Similarly, a post entitled “LIDW 2025: Enforcement of Awards – Evolving Standards and Jurisdictional Tensions” observed that states will at times invoke the defence that enforcing an arbitral award would violate local public policy. While it is understandable that attitudes towards enforcement vary across jurisdictions, as that blog post recognized, such divergences give rise to inconsistencies that undermine the coherence of the international arbitration framework.

How Investors Can Protect Themselves

Ms. Cinar then asked the panel what investors can do at the outset to put themselves in a better position should enforcement subsequently become necessary.

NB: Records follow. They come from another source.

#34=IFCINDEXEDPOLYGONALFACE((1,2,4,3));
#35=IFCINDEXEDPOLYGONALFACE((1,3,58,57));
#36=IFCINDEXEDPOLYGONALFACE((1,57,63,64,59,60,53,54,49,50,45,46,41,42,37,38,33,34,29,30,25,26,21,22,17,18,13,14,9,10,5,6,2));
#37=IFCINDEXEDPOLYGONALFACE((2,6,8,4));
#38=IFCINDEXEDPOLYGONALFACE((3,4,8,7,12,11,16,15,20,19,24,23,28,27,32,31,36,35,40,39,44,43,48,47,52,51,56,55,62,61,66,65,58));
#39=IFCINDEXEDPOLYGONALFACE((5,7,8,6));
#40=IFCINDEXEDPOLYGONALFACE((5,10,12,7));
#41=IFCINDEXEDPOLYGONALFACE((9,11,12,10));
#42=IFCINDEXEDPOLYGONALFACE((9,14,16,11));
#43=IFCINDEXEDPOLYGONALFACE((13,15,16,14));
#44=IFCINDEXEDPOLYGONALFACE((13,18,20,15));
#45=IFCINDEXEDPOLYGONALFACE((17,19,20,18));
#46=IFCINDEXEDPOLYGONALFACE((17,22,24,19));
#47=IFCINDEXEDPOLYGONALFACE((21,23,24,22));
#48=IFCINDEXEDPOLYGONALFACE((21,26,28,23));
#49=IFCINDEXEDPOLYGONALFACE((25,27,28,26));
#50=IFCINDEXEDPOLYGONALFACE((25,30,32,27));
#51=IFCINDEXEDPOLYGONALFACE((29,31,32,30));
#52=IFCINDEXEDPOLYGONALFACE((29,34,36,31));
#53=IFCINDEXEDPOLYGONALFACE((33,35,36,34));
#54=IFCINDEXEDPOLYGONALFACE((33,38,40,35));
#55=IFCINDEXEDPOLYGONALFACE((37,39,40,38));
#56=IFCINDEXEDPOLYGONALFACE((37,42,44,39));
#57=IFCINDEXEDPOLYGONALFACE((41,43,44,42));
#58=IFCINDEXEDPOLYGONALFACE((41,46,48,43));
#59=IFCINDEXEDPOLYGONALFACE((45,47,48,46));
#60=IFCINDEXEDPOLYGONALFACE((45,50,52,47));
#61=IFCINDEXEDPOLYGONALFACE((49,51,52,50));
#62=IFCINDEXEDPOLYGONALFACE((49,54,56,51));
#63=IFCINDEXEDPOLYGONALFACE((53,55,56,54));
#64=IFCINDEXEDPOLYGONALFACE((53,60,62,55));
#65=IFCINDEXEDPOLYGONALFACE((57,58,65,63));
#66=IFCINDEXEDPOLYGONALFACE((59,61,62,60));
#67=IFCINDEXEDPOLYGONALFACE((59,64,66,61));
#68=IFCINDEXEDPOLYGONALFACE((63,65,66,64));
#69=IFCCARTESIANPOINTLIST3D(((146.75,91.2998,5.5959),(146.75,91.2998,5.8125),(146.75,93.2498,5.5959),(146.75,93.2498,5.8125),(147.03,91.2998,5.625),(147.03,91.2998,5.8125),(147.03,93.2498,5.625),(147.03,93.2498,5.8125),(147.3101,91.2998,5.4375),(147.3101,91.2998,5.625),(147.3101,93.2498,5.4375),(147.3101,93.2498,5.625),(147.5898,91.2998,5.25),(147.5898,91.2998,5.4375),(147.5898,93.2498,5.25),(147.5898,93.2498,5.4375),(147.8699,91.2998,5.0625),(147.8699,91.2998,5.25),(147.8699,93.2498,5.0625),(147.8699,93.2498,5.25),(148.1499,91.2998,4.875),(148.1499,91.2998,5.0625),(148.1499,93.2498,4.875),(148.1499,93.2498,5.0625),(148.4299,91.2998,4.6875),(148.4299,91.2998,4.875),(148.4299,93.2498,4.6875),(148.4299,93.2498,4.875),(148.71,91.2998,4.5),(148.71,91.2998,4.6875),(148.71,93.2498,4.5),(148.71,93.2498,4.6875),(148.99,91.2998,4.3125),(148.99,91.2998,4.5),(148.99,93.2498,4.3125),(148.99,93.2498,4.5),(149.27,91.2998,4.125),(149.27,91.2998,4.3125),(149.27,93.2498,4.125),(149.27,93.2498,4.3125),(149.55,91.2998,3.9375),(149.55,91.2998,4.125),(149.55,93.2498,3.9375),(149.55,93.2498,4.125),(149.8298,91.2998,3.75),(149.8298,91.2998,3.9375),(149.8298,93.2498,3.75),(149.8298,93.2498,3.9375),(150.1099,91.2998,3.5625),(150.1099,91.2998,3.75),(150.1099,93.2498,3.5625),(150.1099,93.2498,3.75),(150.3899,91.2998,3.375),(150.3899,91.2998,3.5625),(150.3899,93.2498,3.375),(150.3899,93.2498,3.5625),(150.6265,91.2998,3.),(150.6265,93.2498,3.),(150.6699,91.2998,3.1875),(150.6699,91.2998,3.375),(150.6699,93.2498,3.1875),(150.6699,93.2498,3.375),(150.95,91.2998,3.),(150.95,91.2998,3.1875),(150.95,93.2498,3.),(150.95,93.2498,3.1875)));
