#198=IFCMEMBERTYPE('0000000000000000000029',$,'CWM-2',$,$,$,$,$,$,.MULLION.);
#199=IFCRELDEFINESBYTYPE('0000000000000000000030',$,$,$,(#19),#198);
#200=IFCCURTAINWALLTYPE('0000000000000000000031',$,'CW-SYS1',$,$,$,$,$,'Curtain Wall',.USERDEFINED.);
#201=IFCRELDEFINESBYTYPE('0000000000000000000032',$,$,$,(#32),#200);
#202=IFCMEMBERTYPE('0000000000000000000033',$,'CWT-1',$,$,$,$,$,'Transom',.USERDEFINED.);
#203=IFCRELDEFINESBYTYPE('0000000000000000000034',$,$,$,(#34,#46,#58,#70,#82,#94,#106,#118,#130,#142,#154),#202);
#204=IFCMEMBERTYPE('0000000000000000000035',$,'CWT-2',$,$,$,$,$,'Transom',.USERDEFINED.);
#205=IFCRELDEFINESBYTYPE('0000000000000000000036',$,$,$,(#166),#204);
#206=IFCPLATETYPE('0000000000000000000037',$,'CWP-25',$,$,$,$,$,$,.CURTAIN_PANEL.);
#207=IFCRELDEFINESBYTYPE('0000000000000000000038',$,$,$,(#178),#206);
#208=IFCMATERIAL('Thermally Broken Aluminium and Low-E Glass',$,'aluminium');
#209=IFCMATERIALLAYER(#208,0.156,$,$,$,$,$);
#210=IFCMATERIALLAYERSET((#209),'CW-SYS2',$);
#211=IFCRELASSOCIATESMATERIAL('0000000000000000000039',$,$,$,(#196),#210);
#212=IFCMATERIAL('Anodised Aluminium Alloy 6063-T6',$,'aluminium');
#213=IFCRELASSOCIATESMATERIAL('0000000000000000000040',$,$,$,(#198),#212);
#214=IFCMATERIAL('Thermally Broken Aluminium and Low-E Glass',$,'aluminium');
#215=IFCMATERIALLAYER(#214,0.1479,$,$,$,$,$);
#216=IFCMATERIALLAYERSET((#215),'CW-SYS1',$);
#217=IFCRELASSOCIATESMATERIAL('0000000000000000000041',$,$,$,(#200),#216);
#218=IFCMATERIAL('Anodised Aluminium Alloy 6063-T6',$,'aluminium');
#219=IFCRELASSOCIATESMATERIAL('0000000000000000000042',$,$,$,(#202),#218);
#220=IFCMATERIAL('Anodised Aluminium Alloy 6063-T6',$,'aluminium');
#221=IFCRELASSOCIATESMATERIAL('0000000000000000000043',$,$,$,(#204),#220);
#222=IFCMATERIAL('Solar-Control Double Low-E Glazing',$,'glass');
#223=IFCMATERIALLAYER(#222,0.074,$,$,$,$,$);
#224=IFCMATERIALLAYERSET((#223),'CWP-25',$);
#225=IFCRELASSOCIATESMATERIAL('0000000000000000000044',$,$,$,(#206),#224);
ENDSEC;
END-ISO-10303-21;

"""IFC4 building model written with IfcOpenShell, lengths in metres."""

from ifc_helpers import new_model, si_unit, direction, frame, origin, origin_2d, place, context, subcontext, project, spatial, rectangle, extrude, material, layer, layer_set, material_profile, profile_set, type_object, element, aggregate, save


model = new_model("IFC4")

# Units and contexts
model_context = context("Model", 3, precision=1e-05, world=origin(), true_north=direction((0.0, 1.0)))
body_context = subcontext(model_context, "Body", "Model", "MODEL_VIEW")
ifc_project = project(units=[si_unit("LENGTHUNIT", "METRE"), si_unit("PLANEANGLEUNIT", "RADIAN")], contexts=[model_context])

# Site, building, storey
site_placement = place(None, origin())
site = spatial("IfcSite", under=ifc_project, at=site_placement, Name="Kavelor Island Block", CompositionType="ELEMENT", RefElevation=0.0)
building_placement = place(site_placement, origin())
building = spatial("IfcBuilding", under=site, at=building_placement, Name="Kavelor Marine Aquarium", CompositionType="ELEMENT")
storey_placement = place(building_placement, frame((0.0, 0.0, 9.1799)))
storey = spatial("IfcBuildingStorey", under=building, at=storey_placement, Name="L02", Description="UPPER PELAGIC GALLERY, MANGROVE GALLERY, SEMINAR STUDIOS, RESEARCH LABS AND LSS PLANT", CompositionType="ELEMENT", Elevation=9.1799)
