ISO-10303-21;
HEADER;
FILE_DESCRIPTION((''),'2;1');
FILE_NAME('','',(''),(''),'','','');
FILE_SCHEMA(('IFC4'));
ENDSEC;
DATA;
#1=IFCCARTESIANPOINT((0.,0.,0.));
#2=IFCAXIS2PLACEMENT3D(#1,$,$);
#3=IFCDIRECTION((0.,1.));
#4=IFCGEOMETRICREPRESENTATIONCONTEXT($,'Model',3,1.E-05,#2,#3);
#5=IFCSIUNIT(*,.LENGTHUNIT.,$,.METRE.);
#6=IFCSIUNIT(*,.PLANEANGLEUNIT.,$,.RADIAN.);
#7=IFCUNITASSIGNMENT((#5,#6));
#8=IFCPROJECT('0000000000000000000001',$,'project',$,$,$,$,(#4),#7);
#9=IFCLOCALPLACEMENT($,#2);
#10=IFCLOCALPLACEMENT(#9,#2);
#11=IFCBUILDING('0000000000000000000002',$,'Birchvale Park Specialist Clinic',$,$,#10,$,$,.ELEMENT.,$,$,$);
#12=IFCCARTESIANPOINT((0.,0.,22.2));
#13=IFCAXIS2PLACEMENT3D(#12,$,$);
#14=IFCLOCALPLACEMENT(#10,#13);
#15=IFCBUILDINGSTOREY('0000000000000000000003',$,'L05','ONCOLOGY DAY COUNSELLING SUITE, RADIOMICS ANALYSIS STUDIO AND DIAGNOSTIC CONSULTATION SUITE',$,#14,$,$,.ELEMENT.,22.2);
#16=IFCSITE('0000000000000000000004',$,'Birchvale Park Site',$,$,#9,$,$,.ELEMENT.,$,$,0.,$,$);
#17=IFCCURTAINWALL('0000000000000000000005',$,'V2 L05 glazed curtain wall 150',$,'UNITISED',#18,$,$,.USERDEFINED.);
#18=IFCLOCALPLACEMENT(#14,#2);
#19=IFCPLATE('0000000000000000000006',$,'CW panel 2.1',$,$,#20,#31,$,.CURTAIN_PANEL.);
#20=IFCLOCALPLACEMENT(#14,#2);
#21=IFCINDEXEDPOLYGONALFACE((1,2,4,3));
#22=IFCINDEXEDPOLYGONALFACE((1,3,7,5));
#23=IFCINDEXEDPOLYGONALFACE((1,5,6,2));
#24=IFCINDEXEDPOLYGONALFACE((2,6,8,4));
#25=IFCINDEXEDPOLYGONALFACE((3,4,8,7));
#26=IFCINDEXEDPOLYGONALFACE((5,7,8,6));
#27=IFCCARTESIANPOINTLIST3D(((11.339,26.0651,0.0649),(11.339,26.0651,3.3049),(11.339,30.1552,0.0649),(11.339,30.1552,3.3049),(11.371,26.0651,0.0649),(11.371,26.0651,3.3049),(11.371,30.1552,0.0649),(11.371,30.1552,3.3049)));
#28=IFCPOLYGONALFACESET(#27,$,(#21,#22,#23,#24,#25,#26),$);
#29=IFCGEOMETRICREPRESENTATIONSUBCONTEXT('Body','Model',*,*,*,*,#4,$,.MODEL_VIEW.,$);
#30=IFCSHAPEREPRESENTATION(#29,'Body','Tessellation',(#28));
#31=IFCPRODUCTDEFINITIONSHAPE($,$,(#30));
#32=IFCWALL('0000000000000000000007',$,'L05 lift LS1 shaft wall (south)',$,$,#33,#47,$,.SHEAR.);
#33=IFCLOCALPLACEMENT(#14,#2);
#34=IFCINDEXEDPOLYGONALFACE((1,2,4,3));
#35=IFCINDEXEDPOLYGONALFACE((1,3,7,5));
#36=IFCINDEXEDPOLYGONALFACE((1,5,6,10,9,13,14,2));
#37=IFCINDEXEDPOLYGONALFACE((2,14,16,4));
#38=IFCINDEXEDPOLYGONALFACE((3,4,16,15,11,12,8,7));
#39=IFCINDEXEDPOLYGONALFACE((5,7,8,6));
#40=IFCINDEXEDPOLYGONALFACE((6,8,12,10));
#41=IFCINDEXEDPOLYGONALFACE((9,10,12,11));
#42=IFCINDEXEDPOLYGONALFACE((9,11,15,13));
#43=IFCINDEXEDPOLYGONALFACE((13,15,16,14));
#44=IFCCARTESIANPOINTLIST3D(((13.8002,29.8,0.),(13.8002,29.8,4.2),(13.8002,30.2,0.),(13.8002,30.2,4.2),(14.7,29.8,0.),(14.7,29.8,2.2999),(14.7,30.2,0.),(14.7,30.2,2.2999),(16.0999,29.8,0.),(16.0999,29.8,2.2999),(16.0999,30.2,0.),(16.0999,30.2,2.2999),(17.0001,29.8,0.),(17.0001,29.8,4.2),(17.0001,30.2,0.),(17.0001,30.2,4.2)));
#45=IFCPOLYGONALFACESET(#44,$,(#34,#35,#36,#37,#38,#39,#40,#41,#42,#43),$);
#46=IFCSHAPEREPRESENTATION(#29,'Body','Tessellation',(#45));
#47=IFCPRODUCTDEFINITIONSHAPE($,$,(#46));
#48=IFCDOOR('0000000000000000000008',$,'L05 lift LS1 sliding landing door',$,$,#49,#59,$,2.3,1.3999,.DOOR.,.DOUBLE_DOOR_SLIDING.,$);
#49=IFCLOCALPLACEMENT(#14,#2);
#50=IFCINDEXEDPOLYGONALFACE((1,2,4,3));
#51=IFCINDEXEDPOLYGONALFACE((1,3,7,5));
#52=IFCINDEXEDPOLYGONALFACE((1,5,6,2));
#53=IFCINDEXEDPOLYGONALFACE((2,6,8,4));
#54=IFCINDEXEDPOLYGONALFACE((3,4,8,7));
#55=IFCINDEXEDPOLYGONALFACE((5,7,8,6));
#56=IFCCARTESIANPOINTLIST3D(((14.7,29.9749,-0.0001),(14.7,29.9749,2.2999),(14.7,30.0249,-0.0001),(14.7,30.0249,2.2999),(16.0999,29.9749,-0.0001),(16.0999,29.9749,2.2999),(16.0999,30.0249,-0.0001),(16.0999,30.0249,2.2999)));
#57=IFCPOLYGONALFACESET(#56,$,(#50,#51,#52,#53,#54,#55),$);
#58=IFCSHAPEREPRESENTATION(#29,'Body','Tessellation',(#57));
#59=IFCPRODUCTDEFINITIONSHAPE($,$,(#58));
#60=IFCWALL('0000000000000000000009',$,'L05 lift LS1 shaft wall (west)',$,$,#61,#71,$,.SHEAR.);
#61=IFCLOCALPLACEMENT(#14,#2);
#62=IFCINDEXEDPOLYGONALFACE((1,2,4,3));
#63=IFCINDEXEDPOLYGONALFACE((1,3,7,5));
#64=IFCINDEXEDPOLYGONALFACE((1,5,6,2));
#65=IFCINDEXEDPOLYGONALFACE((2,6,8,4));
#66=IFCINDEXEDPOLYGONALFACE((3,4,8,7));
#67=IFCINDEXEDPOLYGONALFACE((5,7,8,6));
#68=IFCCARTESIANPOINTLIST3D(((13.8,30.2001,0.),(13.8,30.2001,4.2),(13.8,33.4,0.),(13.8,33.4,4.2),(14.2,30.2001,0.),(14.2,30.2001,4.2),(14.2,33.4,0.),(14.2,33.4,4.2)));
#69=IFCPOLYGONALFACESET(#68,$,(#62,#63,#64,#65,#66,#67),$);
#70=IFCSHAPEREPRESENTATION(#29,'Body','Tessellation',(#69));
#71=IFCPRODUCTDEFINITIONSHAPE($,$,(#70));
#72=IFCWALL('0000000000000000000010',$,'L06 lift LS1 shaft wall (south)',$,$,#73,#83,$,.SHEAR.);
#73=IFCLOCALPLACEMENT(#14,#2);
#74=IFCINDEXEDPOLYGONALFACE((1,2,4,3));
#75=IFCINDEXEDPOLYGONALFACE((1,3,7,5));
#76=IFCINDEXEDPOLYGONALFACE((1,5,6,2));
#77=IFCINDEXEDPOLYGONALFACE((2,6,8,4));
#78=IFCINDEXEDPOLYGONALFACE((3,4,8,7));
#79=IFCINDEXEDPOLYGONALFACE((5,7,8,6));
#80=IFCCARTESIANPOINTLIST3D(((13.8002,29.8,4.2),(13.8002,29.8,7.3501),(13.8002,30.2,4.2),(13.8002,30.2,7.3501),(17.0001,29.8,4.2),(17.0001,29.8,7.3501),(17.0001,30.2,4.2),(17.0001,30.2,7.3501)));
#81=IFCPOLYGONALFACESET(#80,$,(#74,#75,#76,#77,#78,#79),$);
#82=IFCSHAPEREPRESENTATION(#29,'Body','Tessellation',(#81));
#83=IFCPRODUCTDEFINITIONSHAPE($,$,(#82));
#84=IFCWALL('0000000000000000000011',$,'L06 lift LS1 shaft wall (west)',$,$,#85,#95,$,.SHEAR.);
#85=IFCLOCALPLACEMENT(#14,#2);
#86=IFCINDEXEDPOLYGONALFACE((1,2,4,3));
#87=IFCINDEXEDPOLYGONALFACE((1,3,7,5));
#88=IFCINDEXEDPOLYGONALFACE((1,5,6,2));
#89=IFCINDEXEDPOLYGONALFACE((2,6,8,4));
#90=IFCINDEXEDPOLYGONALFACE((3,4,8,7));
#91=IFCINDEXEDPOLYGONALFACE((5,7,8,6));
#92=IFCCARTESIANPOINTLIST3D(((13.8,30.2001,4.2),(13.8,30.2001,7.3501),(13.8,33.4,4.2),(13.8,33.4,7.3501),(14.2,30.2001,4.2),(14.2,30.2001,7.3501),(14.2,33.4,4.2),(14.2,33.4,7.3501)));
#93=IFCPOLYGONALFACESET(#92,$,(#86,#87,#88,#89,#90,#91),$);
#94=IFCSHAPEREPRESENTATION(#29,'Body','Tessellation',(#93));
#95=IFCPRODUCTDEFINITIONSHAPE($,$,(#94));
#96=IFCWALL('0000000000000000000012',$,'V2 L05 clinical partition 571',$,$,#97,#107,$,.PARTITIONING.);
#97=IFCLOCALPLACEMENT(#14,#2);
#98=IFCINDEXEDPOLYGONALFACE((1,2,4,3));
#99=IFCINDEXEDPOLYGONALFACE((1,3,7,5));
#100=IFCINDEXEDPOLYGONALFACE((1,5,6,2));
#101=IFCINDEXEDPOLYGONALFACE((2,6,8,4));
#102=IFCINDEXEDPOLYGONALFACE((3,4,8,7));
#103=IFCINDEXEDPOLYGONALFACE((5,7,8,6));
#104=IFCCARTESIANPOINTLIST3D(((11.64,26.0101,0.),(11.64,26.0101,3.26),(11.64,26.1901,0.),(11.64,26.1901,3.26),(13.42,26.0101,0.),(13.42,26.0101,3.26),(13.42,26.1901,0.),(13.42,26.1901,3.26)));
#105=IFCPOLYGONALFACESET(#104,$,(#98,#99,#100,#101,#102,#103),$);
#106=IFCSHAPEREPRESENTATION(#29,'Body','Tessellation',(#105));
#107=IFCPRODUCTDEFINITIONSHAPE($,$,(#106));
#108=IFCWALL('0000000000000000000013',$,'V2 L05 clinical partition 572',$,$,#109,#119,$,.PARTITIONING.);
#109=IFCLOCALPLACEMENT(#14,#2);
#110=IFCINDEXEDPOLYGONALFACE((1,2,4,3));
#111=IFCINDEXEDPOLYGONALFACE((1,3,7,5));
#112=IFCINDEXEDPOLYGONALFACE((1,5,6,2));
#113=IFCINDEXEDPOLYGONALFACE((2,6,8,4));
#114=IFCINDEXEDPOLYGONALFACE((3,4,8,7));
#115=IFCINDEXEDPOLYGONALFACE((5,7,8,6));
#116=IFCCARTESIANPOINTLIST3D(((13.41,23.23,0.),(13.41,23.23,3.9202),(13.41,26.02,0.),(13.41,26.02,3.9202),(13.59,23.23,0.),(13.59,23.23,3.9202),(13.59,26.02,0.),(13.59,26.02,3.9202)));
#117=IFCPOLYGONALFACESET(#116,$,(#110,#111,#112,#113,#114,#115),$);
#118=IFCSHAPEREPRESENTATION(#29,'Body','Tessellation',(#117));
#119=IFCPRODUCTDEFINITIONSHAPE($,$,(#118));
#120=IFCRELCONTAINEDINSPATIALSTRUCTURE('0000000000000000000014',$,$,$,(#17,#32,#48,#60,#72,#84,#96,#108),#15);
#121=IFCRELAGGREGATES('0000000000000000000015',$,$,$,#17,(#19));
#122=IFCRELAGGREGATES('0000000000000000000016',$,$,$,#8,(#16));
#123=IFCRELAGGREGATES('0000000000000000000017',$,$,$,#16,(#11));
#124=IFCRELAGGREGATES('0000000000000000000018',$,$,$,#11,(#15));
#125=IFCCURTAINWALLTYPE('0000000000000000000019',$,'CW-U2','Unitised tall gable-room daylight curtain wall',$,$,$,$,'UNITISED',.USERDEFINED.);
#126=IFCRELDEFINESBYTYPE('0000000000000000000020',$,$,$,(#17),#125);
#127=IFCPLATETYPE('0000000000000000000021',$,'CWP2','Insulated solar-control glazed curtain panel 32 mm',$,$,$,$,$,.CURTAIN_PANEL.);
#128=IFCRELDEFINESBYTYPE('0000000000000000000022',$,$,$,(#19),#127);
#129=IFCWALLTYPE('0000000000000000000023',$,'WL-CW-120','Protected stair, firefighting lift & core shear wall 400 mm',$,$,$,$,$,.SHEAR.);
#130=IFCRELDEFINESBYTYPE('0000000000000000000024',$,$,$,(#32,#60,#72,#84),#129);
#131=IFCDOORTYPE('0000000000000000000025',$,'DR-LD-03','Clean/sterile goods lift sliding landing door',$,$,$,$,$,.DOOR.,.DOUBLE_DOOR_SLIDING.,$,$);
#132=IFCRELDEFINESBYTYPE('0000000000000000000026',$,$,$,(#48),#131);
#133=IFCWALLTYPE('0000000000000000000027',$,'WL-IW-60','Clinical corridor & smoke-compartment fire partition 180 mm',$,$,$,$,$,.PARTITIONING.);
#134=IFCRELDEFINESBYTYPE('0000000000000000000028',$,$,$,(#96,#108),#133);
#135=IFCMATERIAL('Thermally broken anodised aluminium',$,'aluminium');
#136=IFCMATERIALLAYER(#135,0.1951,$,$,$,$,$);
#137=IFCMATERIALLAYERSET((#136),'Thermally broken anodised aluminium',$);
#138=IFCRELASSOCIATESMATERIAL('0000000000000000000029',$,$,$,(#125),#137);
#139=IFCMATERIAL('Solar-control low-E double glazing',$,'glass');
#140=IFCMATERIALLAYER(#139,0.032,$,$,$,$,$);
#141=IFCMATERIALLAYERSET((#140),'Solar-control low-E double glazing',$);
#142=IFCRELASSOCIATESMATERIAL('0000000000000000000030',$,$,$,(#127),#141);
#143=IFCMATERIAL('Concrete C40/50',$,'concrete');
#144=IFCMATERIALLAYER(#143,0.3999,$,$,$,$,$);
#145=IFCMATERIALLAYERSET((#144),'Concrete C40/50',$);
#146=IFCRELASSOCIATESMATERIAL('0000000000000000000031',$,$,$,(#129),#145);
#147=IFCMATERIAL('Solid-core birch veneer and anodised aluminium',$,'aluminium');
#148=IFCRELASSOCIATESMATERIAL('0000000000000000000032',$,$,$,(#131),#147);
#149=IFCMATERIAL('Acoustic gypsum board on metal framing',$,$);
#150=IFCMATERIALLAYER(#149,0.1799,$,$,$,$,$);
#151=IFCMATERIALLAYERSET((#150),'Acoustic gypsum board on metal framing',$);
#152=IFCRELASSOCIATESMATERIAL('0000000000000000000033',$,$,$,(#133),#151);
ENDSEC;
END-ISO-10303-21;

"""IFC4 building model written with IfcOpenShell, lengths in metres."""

from ifc_helpers import new_model, si_unit, direction, frame, frame_2d, origin, origin_2d, place, context, subcontext, project, spatial, rectangle, extrude, material, layer, layer_set, type_object, element, fill, aggregate, save


model = new_model("IFC4")

# Units and contexts
model_context = context("Model", 3, precision=1e-05, world=origin(), true_north=direction((0.0, 1.0)))
body_context = subcontext(model_context, "Body", "Model", "MODEL_VIEW")
ifc_project = project(units=[si_unit("LENGTHUNIT", "METRE"), si_unit("PLANEANGLEUNIT", "RADIAN")], contexts=[model_context])

# Site, building, storey
site_placement = place(None, origin())
site = spatial("IfcSite", under=ifc_project, at=site_placement, Name="Birchvale Park Site", CompositionType="ELEMENT", RefElevation=0.0)
building_placement = place(site_placement, origin())
building = spatial("IfcBuilding", under=site, at=building_placement, Name="Birchvale Park Specialist Clinic", CompositionType="ELEMENT")
storey_placement = place(building_placement, frame((0.0, 0.0, 22.2)))
storey = spatial("IfcBuildingStorey", under=building, at=storey_placement, Name="L05", Description="ONCOLOGY DAY COUNSELLING SUITE, RADIOMICS ANALYSIS STUDIO AND DIAGNOSTIC CONSULTATION SUITE", CompositionType="ELEMENT", Elevation=22.2)

# Shared definitions
ifc_material_1 = material(Name="Concrete C40/50", Category="concrete")

# Shared definitions
ifc_material_2 = material(Name="Thermally broken anodised aluminium", Category="aluminium")
ifc_layer_1 = layer(ifc_material_2, 0.1951)
ifc_layer_set_1 = layer_set([ifc_layer_1], Name="Thermally broken anodised aluminium")
curtain_wall_type = type_object("IfcCurtainWallType", Name="CW-U2", Description="Unitised tall gable-room daylight curtain wall", ElementType="UNITISED", PredefinedType="USERDEFINED", material=ifc_layer_set_1)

Several practical measures emerged from the discussion, including:

  • implementing a waiver of sovereign immunity in the contract;
  • ensuring that the governing law clause is clearly drafted and does not leave the investor solely reliant on the courts of the host state;
  • relying on investment treaties;
  • relying on interim measures for emergency arbitration;
  • implementing well-drafted arbitration clauses; and
  • ensuring that the state itself is named as respondent in any arbitration, rather than a subsidiary ministry that may lack the assets or authority to satisfy an award.

The Future of Arbitral Award Enforcement

Looking ahead, the panel painted the world of arbitral enforcement as remaining in flux, as states continue to enact legislation to close the gaps that creditors exploit for enforcement. The panel also considered that the future of enforcement may involve non-cash settlements, with states offering commodities in lieu of monetary payment. Whether such arrangements would satisfy award creditors, and how they would interact with existing enforcement frameworks, remains an open question.

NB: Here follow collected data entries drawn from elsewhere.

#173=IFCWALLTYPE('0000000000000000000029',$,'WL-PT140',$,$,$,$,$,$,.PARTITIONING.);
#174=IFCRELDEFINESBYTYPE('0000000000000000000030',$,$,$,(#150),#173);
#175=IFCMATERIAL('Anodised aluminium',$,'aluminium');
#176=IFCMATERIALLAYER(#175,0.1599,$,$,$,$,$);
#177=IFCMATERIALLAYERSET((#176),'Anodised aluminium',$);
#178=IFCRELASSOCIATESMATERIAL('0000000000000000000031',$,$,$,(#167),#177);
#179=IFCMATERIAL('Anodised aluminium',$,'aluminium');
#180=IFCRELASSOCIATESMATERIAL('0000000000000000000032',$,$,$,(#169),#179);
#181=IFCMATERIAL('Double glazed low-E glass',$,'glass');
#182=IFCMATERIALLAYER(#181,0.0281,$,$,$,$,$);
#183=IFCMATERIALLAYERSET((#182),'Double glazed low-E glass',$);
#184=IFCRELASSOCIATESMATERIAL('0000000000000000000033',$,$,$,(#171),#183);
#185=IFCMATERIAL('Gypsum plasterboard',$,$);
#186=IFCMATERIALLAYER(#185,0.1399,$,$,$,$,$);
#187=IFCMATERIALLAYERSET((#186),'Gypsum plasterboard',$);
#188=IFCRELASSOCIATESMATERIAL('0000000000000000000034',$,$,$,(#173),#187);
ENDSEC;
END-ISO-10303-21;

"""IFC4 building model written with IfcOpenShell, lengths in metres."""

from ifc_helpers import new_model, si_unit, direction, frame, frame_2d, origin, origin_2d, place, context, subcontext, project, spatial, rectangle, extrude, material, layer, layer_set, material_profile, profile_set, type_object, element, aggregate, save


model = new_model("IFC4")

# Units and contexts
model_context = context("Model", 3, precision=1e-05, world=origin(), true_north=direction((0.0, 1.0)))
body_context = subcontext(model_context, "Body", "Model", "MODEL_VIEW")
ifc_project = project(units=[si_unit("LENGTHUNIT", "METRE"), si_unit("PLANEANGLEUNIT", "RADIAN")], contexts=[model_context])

The panel underscored that arbitral awards against sovereign states ought, in principle, to be enforceable. The UK Supreme Court’s decision in the Spain / Zimbabwe case provides a meaningful step in the right direction, confirming that ratification of the ICSID Convention is a waiver of adjudicative immunity. That decision did not address other possible grounds for waiver such as Spain’s ratification of the Energy Charter Treaty or Zimbabwe’s ratification of the underlying bilateral investment treaty. Notably, two Canadian courts have found that a state’s ratification of a bilateral investment treaty amounts to a waiver of state immunity (see Sunlodges Ltd. v. The United Republic of Tanzania, 2020 ONSC 8201 and Republic of India c. CCDM Holdings, 2024 QCCA 1620). Ratification of the Convention on the Recognition and Enforcement of Foreign Arbitral Awards (the “New York Convention”) may also provide a basis for a finding of waiver even though its wording differs somewhat from that of Article 54(1) of the ICSID Convention.